Then, trembling, he wipes his nose on his sleeve and steps forward. When he flips the card over, he makes a sound that doesn’t belong in any living human.
Teeth. The number five. Pliers.
His knees give out.
“No,” Jared whispers. “No, no, please—”
Two guards are on him instantly. One slams him onto the tile, pinning his chest with a knee. The other grabs his jaw and forces his head back against the floor.
“Please don’t—please wait—” Emma’s voice cracks as she screams, but another guard shoves her back.
Jared fights, but it doesn’t matter. His hands are wrenched above his head in one violent motion, wrists locked down. His sobs turn frantic. “Don’t do this, please, please—”
Sophie steps forward with a pair of heavy pliers in her hand.

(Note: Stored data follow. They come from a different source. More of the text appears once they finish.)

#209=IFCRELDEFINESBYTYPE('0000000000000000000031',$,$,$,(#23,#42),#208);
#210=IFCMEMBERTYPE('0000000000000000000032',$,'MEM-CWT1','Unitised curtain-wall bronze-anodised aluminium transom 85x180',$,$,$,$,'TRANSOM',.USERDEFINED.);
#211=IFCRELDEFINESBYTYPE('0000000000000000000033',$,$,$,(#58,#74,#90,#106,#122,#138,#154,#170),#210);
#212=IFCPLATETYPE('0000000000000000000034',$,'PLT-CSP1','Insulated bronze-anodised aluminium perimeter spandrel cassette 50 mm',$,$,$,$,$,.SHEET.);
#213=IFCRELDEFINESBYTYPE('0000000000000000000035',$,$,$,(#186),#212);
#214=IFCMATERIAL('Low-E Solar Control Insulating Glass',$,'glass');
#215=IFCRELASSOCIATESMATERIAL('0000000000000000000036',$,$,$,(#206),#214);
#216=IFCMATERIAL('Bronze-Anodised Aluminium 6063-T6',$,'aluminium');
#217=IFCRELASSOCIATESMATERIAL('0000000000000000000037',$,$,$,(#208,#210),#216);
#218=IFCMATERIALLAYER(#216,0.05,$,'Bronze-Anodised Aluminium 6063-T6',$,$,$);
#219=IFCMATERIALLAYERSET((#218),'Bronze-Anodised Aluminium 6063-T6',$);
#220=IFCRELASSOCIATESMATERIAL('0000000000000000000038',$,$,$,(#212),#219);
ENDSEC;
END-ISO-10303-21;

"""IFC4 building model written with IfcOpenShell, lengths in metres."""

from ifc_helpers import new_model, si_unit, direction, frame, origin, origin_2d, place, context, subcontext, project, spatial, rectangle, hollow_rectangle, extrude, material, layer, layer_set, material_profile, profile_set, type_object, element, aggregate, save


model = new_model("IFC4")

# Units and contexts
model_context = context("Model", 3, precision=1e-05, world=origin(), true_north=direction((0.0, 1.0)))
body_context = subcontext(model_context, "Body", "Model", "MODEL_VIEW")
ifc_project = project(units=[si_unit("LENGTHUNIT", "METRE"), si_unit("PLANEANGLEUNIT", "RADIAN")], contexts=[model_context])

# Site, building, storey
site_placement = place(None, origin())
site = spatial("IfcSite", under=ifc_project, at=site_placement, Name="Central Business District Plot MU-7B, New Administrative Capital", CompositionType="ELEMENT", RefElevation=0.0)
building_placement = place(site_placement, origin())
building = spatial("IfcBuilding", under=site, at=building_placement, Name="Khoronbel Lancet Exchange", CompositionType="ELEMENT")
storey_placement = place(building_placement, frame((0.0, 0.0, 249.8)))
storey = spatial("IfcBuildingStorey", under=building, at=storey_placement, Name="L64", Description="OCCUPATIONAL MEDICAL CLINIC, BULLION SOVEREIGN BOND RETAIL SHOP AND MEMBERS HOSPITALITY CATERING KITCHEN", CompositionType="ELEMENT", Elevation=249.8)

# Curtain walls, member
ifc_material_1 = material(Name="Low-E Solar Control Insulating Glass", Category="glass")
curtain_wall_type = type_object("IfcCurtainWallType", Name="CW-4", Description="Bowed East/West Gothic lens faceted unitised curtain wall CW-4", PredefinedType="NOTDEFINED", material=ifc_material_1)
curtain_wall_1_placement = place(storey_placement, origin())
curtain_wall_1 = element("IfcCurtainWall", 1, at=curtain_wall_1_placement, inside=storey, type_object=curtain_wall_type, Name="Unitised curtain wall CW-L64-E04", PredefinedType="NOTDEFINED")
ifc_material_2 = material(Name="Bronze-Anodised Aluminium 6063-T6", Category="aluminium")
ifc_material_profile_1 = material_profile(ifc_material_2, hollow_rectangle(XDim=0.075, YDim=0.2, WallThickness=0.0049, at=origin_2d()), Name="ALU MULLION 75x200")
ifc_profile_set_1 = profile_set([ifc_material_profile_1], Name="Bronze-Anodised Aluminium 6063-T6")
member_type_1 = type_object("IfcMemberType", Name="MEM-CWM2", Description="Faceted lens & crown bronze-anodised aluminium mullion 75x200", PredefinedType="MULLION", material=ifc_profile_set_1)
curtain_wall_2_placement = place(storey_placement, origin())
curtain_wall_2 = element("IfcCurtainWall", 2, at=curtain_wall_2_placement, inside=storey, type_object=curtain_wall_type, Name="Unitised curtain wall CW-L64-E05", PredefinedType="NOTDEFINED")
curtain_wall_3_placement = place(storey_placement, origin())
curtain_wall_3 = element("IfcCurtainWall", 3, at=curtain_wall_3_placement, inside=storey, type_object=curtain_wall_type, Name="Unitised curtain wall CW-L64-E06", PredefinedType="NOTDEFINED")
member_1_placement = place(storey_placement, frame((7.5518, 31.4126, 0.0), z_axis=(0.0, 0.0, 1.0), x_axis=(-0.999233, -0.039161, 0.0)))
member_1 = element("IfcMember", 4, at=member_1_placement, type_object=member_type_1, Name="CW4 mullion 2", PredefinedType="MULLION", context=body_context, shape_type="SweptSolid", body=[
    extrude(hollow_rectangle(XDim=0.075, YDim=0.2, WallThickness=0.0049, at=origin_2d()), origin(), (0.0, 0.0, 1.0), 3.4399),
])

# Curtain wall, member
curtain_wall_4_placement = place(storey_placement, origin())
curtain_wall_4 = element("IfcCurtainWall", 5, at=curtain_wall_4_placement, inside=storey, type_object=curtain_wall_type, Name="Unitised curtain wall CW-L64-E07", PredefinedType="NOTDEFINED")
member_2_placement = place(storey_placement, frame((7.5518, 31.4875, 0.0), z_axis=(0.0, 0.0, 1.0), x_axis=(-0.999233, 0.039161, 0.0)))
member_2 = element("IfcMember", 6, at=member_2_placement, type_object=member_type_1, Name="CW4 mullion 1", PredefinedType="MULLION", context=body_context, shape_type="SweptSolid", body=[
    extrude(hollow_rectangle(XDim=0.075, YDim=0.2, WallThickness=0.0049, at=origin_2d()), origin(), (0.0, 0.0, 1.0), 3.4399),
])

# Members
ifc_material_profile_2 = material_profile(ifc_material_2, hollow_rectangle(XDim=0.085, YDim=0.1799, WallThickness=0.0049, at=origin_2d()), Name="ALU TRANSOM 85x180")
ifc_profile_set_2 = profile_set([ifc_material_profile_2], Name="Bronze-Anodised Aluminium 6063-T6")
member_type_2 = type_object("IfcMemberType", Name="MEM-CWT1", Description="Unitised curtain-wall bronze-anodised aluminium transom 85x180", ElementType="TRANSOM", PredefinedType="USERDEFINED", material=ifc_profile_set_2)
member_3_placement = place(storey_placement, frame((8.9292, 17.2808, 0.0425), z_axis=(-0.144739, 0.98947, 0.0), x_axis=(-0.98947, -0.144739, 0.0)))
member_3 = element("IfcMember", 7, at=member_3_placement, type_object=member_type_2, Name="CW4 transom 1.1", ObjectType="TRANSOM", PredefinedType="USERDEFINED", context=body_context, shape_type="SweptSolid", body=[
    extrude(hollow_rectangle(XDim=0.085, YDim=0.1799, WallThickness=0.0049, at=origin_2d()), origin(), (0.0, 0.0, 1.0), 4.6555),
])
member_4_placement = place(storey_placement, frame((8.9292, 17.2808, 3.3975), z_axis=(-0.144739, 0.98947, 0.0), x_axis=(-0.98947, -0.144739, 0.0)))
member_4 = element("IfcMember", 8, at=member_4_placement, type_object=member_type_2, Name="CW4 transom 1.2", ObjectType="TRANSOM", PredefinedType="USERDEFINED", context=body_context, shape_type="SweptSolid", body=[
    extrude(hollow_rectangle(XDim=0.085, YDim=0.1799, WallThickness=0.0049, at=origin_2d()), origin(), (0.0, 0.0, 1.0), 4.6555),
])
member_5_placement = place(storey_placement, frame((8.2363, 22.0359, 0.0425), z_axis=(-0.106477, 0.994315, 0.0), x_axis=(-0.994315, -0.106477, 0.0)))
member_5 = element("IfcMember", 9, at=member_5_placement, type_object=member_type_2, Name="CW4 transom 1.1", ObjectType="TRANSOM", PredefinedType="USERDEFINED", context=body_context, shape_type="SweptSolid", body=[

The steel tips catch the light as she kneels beside his head.
Jared screams before the metal even touches him.
The first tooth is one of his front incisors. She grips it tight. The pliers scrape against enamel before locking in place. Then she twists. Not a clean pull. A wrenching, grinding turn that cracks something deep in his jaw before the root tears free.
Blood pours instantly, filling his mouth and spilling down his cheeks as he shrieks.
He thrashes, but the guards hold him steady.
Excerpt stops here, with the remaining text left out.